I realize there are two problems here: First, separating the comma-delimited values in the lists, and, second, counting the number of unique values. However, I'm not certain that I could combine solutions to the two problems, which is why I'm asking it as one question.
Another way without extension:
<xsl:stylesheet version="1.0" xmlns:xsl="http://www.w3.org/1999/XSL/Transform">
<xsl:variable name="all-value" select="/*/*/*/*/#value"/>
<xsl:template match="/">
<xsl:variable name="count">
<xsl:apply-templates select="$all-value"/>
</xsl:variable>
<xsl:value-of select="string-length($count)"/>
</xsl:template>
<xsl:template match="#value" name="value">
<xsl:param name="meta" select="translate(.,'[] ','')"/>
<xsl:choose>
<xsl:when test="contains($meta,',')">
<xsl:call-template name="value">
<xsl:with-param name="meta" select="substring-before($meta,',')"/>
</xsl:call-template>
<xsl:call-template name="value">
<xsl:with-param name="meta" select="substring-after($meta,',')"/>
</xsl:call-template>
</xsl:when>
<xsl:otherwise>
<xsl:if test="count(.|$all-value[contains(translate(.,'[] ','
'),
concat('
',$meta,'
'))][1])=1">
<xsl:value-of select="1"/>
</xsl:if>
</xsl:otherwise>
</xsl:choose>
</xsl:template>
</xsl:stylesheet>
Note: maybe can be optimize with xsl:key instead of xsl:variable
Edit: Match tricky metadata.
This (note: just a single) transformation:
<xsl:stylesheet version="1.0"
xmlns:xsl="http://www.w3.org/1999/XSL/Transform"
xmlns:msxsl="urn:schemas-microsoft-com:xslt"
>
<xsl:output method="text"/>
<xsl:strip-space elements="*"/>
<xsl:key name="kValue" match="value" use="."/>
<xsl:template match="/">
<xsl:variable name="vRTFPass1">
<values>
<xsl:apply-templates/>
</values>
</xsl:variable>
<xsl:variable name="vPass1"
select="msxsl:node-set($vRTFPass1)"/>
<xsl:for-each select="$vPass1">
<xsl:value-of select=
"count(*/value[generate-id()
=
generate-id(key('kValue', .)[1])
]
)
"/>
</xsl:for-each>
</xsl:template>
<xsl:template match="metadata_valuelist">
<xsl:call-template name="tokenize">
<xsl:with-param name="pText" select="translate(#value, '[],', '')"/>
</xsl:call-template>
</xsl:template>
<xsl:template name="tokenize">
<xsl:param name="pText" />
<xsl:choose>
<xsl:when test="not(contains($pText, ' '))">
<value><xsl:value-of select="$pText"/></value>
</xsl:when>
<xsl:otherwise>
<value>
<xsl:value-of select="substring-before($pText, ' ')"/>
</value>
<xsl:call-template name="tokenize">
<xsl:with-param name="pText" select=
"substring-after($pText, ' ')"/>
</xsl:call-template>
</xsl:otherwise>
</xsl:choose>
</xsl:template>
</xsl:stylesheet>
when applied on the provided XML document:
<child_metadata>
<metadata>
<attributes>
<metadata_valuelist value="[SampleItem3]"/>
</attributes>
</metadata>
<metadata>
<attributes>
<metadata_valuelist value="[SampleItem1]"/>
</attributes>
</metadata>
<metadata>
<attributes>
<metadata_valuelist value="[SampleItem1, SampleItem2]"/>
</attributes>
</metadata>
</child_metadata>
produces the wanted, correct result:
3
Do note: Because this is an XSLT 1.0 solution, it is necessary to convert the results of the first pass from the infamous RTF type to a regular tree.

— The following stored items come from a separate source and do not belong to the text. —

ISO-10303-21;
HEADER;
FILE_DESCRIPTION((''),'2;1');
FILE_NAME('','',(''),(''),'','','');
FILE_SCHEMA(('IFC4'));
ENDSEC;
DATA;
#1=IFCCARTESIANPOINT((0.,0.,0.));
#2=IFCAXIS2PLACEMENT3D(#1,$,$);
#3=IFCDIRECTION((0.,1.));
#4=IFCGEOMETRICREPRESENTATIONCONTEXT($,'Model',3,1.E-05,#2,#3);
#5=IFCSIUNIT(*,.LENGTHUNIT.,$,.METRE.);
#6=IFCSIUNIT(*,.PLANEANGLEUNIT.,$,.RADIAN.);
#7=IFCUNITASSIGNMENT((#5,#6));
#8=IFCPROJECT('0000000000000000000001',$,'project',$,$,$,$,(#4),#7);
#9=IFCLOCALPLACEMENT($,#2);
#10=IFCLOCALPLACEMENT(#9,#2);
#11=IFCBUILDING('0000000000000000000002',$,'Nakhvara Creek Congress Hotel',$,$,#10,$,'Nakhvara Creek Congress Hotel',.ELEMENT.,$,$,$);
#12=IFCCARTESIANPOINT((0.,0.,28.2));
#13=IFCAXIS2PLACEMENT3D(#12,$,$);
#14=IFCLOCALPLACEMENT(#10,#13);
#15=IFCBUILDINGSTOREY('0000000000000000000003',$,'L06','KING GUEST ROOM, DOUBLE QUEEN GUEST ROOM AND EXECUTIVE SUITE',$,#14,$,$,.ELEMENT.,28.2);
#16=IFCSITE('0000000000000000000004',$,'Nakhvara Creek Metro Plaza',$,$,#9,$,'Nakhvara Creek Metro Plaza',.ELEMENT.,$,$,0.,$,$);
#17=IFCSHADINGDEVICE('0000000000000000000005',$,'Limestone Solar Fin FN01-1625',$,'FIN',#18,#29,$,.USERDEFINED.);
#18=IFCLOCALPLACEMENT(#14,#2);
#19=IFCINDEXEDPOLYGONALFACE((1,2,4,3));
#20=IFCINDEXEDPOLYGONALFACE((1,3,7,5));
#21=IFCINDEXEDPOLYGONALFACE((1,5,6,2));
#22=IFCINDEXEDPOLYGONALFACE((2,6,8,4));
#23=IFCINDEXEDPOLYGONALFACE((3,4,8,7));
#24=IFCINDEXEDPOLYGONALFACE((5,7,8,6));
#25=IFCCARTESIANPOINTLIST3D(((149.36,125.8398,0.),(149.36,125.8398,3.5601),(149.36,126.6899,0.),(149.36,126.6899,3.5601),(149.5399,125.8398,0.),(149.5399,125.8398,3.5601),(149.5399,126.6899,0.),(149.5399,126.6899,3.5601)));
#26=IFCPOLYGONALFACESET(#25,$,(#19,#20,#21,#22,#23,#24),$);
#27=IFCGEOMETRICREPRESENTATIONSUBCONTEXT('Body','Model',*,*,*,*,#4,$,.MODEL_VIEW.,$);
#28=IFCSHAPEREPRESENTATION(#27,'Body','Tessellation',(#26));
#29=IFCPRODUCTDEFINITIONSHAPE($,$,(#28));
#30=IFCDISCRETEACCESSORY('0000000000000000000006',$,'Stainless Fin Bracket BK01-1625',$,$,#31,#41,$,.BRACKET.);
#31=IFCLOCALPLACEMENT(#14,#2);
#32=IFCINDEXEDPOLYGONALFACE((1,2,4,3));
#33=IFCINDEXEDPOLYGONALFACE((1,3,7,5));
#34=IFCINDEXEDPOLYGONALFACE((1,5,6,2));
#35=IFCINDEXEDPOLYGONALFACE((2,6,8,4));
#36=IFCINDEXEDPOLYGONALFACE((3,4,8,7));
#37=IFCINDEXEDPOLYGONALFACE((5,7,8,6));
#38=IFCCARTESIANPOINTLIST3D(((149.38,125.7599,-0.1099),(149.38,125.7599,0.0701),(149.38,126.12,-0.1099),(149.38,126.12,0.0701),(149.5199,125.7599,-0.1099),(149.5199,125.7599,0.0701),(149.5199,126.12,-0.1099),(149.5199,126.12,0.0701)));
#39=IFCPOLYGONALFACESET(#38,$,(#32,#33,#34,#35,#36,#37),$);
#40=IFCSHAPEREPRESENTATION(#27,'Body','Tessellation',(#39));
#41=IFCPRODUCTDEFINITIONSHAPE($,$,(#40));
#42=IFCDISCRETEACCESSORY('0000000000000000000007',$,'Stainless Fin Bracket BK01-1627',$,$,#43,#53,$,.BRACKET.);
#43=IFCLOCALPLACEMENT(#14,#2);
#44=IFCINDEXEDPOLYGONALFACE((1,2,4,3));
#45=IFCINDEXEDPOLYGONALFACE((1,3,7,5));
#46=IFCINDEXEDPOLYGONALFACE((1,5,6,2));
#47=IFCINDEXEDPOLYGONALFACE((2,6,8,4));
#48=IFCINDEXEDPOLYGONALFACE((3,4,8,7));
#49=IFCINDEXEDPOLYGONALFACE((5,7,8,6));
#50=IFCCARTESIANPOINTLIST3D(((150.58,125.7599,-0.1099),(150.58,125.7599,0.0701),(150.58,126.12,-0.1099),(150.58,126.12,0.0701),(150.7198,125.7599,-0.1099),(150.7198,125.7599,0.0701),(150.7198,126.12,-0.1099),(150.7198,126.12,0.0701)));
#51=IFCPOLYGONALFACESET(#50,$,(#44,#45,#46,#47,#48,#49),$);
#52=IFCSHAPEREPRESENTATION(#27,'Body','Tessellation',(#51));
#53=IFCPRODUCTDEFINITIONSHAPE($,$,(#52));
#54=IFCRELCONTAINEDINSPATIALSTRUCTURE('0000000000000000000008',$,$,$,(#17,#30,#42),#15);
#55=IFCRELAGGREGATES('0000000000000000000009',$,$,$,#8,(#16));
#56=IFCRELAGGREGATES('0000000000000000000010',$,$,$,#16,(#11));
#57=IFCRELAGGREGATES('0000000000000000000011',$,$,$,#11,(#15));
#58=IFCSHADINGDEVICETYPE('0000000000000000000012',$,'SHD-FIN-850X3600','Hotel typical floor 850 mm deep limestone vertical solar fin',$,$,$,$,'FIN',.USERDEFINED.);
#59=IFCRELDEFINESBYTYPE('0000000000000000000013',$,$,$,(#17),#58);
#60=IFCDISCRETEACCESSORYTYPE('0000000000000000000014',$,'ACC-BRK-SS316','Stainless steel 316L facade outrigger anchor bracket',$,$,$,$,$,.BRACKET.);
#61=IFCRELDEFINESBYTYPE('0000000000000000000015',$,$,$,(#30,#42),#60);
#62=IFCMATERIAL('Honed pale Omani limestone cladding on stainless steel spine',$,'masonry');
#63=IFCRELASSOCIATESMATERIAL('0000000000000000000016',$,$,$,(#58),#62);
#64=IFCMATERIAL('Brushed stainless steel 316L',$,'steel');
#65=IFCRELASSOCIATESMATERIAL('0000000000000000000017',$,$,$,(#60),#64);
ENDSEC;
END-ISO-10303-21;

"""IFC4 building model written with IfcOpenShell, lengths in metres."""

from ifc_helpers import new_model, si_unit, direction, frame, origin, origin_2d, place, context, subcontext, project, spatial, rectangle, extrude, material, type_object, element, save


model = new_model("IFC4")

# Units and contexts
model_context = context("Model", 3, precision=1e-05, world=origin(), true_north=direction((0.0, 1.0)))
body_context = subcontext(model_context, "Body", "Model", "MODEL_VIEW")
ifc_project = project(units=[si_unit("LENGTHUNIT", "METRE"), si_unit("PLANEANGLEUNIT", "RADIAN")], contexts=[model_context])

# Site, building, storey
site_placement = place(None, origin())
site = spatial("IfcSite", under=ifc_project, at=site_placement, Name="Nakhvara Creek Metro Plaza", LongName="Nakhvara Creek Metro Plaza", CompositionType="ELEMENT", RefElevation=0.0)
building_placement = place(site_placement, origin())
building = spatial("IfcBuilding", under=site, at=building_placement, Name="Nakhvara Creek Congress Hotel", LongName="Nakhvara Creek Congress Hotel", CompositionType="ELEMENT")
storey_placement = place(building_placement, frame((0.0, 0.0, 28.2)))
storey = spatial("IfcBuildingStorey", under=building, at=storey_placement, Name="L06", Description="KING GUEST ROOM, DOUBLE QUEEN GUEST ROOM AND EXECUTIVE SUITE", CompositionType="ELEMENT", Elevation=28.2)

# Shading device
ifc_material_1 = material(Name="Honed pale Omani limestone cladding on stainless steel spine", Category="masonry")
shading_device_type = type_object("IfcShadingDeviceType", Name="SHD-FIN-850X3600", Description="Hotel typical floor 850 mm deep limestone vertical solar fin", ElementType="FIN", PredefinedType="USERDEFINED", material=ifc_material_1)
shading_device_placement = place(storey_placement, frame((149.45, 126.2649, 0.0), z_axis=(0.0, 0.0, 1.0), x_axis=(1.0, 0.0, 0.0)))
element("IfcShadingDevice", 1, at=shading_device_placement, inside=storey, type_object=shading_device_type, Name="Limestone Solar Fin FN01-1625", ObjectType="FIN", PredefinedType="USERDEFINED", context=body_context, shape_type="SweptSolid", body=[
    extrude(rectangle(XDim=0.1799, YDim=0.8501, at=origin_2d()), origin(), (0.0, 0.0, 1.0), 3.5601),
])

# Discrete accessories
ifc_material_2 = material(Name="Brushed stainless steel 316L", Category="steel")
discrete_accessory_type = type_object("IfcDiscreteAccessoryType", Name="ACC-BRK-SS316", Description="Stainless steel 316L facade outrigger anchor bracket", PredefinedType="BRACKET", material=ifc_material_2)
for number, where, z_axis, x_axis, name in (
    (2, (149.45, 125.9399, -0.1099), (0.0, 0.0, 1.0), (1.0, 0.0, 0.0), "Stainless Fin Bracket BK01-1625"),
    (3, (150.6499, 125.9399, -0.1099), (0.0, 0.0, 1.0), (1.0, 0.0, 0.0), "Stainless Fin Bracket BK01-1627"),
):
    element("IfcDiscreteAccessory", number, at=place(storey_placement, frame(where, z_axis=z_axis, x_axis=x_axis)), inside=storey, type_object=discrete_accessory_type, Name=name, PredefinedType="BRACKET", context=body_context, shape_type="SweptSolid", body=[
        extrude(rectangle(XDim=0.1399, YDim=0.3601, at=origin_2d()), origin(), (0.0, 0.0, 1.0), 0.1799),
    ])

save(model, "model.ifc")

This is done using your XSLT 1.0 processor's xxx:node-set() function -- in my case I used msxsl:node-set().
You probably want to think about doing this in two stages; first, do a transform that breaks down these value attributes, then it's fairly trivial to count them.
<xsl:stylesheet version="1.0" xmlns:xsl="http://www.w3.org/1999/XSL/Transform">
<xsl:template match="#value">
<xsl:call-template name="breakdown">
<xsl:with-param name="itemlist" select="substring-before(substring-after(.,'['),']')" />
</xsl:call-template>
</xsl:template>
<xsl:template name="breakdown">
<xsl:param name="itemlist" />
<xsl:choose>
<xsl:when test="contains($itemlist,',')">
<xsl:element name="value">
<xsl:value-of select="normalize-space(substring-before($itemlist,','))" />
</xsl:element>
<xsl:call-template name="breakdown">
<xsl:with-param name="itemlist" select="substring-after($itemlist,',')" />
</xsl:call-template>
</xsl:when>
<xsl:otherwise>
<xsl:element name="value">
<xsl:value-of select="normalize-space($itemlist)" />
</xsl:element>
</xsl:otherwise>
</xsl:choose>
</xsl:template>
<xsl:template match="#* | node()">
<xsl:copy>
<xsl:apply-templates select="#* | node()"/>
</xsl:copy>
</xsl:template>
</xsl:stylesheet>
Aside from the 'catch all' template at the bottom, this picks up any value attributes in the format you gave, and breaks them down into separate elements (as sub-elements of the 'metadata_valuelist' element) like this:
...
<metadata_valuelist>
<value>SampleItem1</value>
<value>SampleItem2</value>
</metadata_valuelist>
...
The 'substring-before/substring-after select you see near the top strips off the '[' and ']' before passing it to the 'breakdown' template. This template will check if there's a comma in it's 'itemlist' parameter, and if there is it spits out the text before it as the content of a 'value' element, before recursively calling itself with the rest of the list. If there was no comma in the parameter, it just outputs the entire content of the parameter as a 'value' element.
Then just run this:
<xsl:stylesheet version="1.0" xmlns:xsl="http://www.w3.org/1999/XSL/Transform">
<xsl:output method="text" />
<xsl:key name="itemvalue" match="value" use="text()" />
<xsl:template match="/">
<xsl:value-of select="count(//value[generate-id(.) = generate-id(key('itemvalue',.)[1])])" />
</xsl:template>
</xsl:stylesheet>
on the XML you get from the first transform, and it'll just spit out a single value as text output that tells you how many distinct values you have.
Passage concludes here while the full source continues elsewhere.